更为重要的还是因为缺了最关键的呼吸法。
而这一关键之物若非郑岳主动传授,他根本无从得知。
显然。
是武馆和官学联手將呼吸法垄断,除非能成为亲传,否则完全没有接触到的可能,就更不用说在武道攀登上能走得长久了。
埋头苦练十几年都不一定比得过人家一年。
“狗大户。”
钟玄忍不住骂了句。
他不由得想起自府学而来的张临春四人,只怕是自小就开始修炼呼吸法,当別人还在练桩功的时候,他们都已经三路贯通。
泥腿子想要超过练家子?
太难。
藏拙不是真蠢。
今日若不是他展现出足够的实力,只怕郑岳都不一定会传给他呼吸法。
一步慢步步慢。
只怕他连突破练皮中期都要费尽全力。
钟玄按照郑岳的叮嘱。
“子夜正午乃是天地更迭的关键时候,此时修炼鹰七呼吸法效果最佳。
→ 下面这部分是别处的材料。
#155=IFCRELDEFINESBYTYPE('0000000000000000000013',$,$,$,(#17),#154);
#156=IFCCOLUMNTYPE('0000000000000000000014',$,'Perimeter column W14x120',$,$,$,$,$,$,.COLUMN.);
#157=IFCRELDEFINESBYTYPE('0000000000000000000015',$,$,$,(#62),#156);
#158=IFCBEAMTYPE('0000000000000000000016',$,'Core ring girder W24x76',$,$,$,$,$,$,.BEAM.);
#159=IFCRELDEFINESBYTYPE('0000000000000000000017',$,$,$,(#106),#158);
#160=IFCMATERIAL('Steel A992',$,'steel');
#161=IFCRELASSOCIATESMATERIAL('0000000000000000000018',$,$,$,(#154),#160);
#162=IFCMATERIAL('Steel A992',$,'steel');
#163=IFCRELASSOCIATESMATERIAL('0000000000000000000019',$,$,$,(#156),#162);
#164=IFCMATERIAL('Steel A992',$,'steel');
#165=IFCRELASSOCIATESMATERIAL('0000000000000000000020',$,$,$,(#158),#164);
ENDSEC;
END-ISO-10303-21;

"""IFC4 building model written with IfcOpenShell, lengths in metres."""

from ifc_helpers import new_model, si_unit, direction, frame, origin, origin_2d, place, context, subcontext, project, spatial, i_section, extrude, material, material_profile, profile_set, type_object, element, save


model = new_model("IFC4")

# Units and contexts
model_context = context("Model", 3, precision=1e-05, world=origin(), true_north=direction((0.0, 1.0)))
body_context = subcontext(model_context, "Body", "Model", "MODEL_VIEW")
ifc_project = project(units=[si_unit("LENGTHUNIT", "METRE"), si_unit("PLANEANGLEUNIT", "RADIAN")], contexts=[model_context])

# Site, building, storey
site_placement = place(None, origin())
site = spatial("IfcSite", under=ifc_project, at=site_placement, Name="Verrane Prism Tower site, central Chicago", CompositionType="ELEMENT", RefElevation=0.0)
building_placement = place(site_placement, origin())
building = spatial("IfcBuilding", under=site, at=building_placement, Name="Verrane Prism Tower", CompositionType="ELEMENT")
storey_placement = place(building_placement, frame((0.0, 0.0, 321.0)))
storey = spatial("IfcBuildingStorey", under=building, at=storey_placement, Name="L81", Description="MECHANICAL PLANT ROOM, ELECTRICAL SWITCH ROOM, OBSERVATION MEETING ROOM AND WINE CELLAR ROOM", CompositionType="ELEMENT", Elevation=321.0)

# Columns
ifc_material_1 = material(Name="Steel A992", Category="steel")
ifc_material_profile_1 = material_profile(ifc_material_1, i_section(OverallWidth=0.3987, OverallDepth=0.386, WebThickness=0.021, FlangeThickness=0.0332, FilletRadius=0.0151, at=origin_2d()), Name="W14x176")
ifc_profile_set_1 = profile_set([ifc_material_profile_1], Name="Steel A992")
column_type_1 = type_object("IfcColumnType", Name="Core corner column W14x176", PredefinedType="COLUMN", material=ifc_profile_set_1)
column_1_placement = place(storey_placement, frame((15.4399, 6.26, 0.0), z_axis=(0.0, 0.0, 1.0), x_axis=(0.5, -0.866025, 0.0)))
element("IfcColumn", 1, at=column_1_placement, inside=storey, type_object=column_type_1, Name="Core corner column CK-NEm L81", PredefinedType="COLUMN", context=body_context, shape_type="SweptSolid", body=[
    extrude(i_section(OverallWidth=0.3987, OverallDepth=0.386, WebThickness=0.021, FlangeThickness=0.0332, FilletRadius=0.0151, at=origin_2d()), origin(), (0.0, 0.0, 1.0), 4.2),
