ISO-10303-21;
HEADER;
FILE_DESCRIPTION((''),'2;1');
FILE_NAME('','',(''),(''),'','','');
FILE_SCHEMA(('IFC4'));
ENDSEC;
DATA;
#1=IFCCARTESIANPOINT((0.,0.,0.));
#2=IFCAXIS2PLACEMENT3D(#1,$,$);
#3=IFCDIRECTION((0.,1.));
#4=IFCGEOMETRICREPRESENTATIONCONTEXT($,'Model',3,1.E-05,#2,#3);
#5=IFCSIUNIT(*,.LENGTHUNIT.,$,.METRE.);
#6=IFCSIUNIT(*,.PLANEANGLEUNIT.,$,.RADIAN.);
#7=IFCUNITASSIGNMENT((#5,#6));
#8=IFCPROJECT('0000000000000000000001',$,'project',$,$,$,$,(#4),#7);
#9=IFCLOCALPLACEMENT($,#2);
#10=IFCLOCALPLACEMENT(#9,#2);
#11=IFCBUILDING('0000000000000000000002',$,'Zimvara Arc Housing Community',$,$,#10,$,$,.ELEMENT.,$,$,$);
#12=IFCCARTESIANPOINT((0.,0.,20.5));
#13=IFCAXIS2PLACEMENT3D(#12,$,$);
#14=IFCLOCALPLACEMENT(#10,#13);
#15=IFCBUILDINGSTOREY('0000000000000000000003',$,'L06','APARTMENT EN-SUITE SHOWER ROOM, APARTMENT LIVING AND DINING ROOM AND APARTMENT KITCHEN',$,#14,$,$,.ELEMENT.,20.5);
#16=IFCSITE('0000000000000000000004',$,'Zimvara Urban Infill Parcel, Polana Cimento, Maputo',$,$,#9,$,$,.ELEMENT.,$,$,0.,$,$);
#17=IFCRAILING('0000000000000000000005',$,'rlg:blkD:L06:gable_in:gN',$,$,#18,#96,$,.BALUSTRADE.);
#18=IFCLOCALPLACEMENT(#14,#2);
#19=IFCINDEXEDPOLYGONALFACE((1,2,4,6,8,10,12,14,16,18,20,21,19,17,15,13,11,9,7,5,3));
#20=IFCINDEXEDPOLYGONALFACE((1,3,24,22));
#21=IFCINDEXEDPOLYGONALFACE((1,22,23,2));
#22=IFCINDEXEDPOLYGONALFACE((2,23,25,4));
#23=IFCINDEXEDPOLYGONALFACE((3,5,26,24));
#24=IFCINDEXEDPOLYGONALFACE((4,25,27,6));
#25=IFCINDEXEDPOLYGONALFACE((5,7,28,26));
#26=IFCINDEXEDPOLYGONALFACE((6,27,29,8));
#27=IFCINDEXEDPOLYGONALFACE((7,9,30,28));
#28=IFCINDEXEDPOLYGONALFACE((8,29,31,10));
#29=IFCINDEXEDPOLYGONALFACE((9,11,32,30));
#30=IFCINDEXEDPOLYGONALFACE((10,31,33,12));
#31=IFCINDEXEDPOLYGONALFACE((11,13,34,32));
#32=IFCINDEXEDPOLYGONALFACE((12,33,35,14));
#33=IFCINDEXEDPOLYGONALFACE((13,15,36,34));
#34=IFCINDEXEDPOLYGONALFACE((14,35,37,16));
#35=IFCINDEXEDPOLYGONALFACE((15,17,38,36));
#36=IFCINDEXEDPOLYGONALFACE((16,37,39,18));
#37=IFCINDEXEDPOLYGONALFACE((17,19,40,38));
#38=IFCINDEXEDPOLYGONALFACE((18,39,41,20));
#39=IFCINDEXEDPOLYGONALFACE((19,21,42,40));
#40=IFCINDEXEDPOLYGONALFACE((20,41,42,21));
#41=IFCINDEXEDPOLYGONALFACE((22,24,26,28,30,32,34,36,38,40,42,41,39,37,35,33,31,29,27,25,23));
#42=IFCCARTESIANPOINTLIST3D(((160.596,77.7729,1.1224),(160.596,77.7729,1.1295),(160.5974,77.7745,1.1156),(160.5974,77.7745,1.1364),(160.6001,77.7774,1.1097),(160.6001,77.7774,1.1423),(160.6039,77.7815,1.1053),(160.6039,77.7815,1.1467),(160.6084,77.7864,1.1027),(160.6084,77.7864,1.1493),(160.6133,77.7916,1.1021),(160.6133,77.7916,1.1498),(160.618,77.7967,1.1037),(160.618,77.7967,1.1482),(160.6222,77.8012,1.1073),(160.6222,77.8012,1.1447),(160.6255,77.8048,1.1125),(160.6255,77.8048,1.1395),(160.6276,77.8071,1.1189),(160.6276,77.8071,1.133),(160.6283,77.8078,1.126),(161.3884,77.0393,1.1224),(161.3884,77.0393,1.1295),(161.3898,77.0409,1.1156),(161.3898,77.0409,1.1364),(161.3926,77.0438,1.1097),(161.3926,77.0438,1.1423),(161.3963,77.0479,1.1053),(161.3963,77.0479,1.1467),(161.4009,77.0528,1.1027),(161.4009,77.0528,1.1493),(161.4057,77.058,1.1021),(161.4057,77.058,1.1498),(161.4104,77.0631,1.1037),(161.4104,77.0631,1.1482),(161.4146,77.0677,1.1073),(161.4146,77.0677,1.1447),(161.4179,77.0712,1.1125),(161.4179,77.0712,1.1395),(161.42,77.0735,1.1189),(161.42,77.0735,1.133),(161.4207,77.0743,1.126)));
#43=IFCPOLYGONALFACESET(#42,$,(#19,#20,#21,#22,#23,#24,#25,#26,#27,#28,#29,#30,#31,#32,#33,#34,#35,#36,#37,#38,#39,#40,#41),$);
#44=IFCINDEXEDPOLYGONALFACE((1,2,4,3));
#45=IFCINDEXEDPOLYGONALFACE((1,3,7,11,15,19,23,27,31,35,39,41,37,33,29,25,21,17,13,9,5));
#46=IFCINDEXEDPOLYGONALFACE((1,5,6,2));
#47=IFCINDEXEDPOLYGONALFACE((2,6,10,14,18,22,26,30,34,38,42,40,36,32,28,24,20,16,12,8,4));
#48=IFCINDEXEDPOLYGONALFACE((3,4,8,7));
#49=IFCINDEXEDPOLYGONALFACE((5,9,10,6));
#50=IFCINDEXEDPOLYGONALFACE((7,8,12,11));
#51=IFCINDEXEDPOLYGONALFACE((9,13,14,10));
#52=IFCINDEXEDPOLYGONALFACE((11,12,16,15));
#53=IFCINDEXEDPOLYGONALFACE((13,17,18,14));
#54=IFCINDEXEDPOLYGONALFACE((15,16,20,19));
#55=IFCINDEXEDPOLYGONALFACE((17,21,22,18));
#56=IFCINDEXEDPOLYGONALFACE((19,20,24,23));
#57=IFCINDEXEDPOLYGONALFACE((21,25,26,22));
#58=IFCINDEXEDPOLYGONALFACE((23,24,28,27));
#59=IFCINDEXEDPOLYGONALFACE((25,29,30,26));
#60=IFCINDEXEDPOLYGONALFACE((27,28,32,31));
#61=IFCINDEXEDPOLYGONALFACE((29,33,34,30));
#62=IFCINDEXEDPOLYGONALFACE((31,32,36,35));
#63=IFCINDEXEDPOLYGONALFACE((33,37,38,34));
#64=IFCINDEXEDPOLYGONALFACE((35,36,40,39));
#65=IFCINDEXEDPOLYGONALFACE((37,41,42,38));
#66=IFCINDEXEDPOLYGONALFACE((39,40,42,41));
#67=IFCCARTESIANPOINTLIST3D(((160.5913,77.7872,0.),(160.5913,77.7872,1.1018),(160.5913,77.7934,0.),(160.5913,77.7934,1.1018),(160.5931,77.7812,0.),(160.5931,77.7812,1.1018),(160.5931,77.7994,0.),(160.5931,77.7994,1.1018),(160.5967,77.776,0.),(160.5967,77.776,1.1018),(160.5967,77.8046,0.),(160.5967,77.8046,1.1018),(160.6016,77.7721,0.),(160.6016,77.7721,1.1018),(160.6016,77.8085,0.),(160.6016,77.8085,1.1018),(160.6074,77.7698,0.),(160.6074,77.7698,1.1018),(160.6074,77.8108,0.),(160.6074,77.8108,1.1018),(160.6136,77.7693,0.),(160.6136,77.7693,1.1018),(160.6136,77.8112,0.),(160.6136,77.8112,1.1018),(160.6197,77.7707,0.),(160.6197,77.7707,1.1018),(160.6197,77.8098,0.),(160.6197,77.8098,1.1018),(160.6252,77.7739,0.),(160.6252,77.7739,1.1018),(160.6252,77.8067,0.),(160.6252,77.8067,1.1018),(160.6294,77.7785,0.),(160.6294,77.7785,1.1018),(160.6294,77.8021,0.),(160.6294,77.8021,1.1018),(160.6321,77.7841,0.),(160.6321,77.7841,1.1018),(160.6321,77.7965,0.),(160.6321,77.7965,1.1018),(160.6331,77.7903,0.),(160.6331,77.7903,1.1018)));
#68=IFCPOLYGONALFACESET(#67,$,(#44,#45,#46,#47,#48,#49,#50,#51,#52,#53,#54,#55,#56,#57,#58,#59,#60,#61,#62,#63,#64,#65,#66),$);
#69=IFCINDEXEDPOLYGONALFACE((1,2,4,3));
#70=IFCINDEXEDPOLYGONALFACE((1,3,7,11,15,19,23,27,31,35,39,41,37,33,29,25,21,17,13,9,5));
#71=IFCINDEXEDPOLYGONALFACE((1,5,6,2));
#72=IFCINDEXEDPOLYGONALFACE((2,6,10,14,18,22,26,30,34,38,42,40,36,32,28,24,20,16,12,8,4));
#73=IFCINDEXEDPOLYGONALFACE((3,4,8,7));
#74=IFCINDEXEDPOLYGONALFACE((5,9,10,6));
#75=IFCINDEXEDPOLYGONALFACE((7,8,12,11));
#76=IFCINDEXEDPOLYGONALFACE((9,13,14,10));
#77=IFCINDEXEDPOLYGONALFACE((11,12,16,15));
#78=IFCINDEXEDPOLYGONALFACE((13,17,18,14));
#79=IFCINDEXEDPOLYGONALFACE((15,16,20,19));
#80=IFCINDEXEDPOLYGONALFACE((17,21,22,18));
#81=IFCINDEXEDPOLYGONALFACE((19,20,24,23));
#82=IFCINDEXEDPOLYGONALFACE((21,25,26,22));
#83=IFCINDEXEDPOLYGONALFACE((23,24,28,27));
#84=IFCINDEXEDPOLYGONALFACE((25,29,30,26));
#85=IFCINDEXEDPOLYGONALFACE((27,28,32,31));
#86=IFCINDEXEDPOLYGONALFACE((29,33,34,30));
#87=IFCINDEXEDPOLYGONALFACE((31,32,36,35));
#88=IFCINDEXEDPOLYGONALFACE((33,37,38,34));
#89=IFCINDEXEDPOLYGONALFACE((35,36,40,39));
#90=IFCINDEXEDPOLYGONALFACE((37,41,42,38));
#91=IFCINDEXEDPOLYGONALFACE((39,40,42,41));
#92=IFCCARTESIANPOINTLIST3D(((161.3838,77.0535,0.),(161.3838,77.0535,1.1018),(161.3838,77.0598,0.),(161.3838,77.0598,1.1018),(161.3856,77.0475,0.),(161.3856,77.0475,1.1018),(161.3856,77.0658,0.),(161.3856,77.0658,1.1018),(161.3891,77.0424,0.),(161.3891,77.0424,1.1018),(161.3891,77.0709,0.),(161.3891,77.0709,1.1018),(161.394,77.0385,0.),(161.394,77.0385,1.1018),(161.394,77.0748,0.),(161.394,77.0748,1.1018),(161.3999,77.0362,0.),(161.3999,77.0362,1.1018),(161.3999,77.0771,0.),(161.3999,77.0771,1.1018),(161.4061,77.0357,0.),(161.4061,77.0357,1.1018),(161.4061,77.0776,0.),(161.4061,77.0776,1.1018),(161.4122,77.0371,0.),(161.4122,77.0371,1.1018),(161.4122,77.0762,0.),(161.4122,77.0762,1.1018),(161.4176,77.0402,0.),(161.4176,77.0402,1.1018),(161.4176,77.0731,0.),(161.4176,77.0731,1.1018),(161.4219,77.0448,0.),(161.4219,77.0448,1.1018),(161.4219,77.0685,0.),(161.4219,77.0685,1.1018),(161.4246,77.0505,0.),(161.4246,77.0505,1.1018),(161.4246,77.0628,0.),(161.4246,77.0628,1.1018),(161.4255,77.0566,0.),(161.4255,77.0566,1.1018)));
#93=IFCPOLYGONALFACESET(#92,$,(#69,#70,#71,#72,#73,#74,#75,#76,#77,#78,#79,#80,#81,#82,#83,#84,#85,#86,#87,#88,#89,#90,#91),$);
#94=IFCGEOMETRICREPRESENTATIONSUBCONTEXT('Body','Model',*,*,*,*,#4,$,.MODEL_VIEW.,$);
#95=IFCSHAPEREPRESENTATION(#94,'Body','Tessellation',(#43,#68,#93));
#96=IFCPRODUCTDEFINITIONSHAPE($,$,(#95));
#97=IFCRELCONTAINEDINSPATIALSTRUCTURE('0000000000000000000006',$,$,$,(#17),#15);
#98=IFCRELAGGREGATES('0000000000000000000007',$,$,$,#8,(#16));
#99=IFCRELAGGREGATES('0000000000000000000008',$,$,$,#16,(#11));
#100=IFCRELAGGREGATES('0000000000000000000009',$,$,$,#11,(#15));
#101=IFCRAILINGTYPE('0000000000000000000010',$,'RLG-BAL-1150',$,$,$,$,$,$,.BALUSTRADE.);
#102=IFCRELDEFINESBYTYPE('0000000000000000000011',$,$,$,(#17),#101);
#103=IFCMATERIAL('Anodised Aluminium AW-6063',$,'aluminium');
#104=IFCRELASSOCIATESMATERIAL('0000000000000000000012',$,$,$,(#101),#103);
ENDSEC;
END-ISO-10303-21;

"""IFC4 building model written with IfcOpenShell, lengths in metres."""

from ifc_helpers import new_model, si_unit, direction, frame, origin, origin_2d, place, context, subcontext, project, spatial, circle, extrude, material, type_object, element, save


model = new_model("IFC4")

# Units and contexts
model_context = context("Model", 3, precision=1e-05, world=origin(), true_north=direction((0.0, 1.0)))
body_context = subcontext(model_context, "Body", "Model", "MODEL_VIEW")
ifc_project = project(units=[si_unit("LENGTHUNIT", "METRE"), si_unit("PLANEANGLEUNIT", "RADIAN")], contexts=[model_context])

# Site, building, storey
site_placement = place(None, origin())
site = spatial("IfcSite", under=ifc_project, at=site_placement, Name="Zimvara Urban Infill Parcel, Polana Cimento, Maputo", CompositionType="ELEMENT", RefElevation=0.0)
building_placement = place(site_placement, origin())
building = spatial("IfcBuilding", under=site, at=building_placement, Name="Zimvara Arc Housing Community", CompositionType="ELEMENT")
storey_placement = place(building_placement, frame((0.0, 0.0, 20.5)))
storey = spatial("IfcBuildingStorey", under=building, at=storey_placement, Name="L06", Description="APARTMENT EN-SUITE SHOWER ROOM, APARTMENT LIVING AND DINING ROOM AND APARTMENT KITCHEN", CompositionType="ELEMENT", Elevation=20.5)

# Railing
ifc_material_1 = material(Name="Anodised Aluminium AW-6063", Category="aluminium")
railing_type_1 = type_object("IfcRailingType", Name="RLG-BAL-1150", PredefinedType="BALUSTRADE", material=ifc_material_1)
railing_1_placement = place(storey_placement, frame((160.6121, 77.7903, 0.0)))
element("IfcRailing", 1, at=railing_1_placement, inside=storey, type_object=railing_type_1, Name="rlg:blkD:L06:gable_in:gN", PredefinedType="BALUSTRADE", context=body_context, shape_type="SweptSolid", body=[
    extrude(circle(Radius=0.0239, at=origin_2d()), frame((0.0, 0.0, 1.126), z_axis=(0.733823, -0.67934, 0.0), x_axis=(0.67934, 0.733823, 0.0)), (0.0, 0.0, 1.0), 1.0798),
    extrude(circle(Radius=0.021, at=origin_2d()), origin(), (0.0, 0.0, 1.0), 1.1018),
    extrude(circle(Radius=0.021, at=origin_2d()), frame((0.7925, -0.7336, 0.0)), (0.0, 0.0, 1.0), 1.1018),
])

save(model, "model.ifc")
”
一直等到了子时。
钟玄盘膝坐在院中一吸六呼吐纳七七四十九次之后。
这才返回房间,钻入被窝沉沉睡去。
。。。。。。
次日。
钟玄刚推开门。
就瞧见老吴头正双手揣在袖子里,站在篱笆外伸著脖子朝院子里望。
“老吴,咋了。”
钟玄推开门。
老吴头见院门打开,走进院子就迫不及待的问:“老钟,好些天没见,你这是干啥子去了?”
这些日子。
他几次来串门,结果钟玄家一直都房门紧闭。
叫老吴头以为出事了。
钟玄笑著道:“最近抄书的活计多,白日都去了城里。”
“那就好。”
老吴头鬆了一口,然后压低声音说著:“我前些天听说了,之前得罪你被逐出小河村的马三一家。。。。。。”
说到一半,又左右观察了一阵。
“死了!”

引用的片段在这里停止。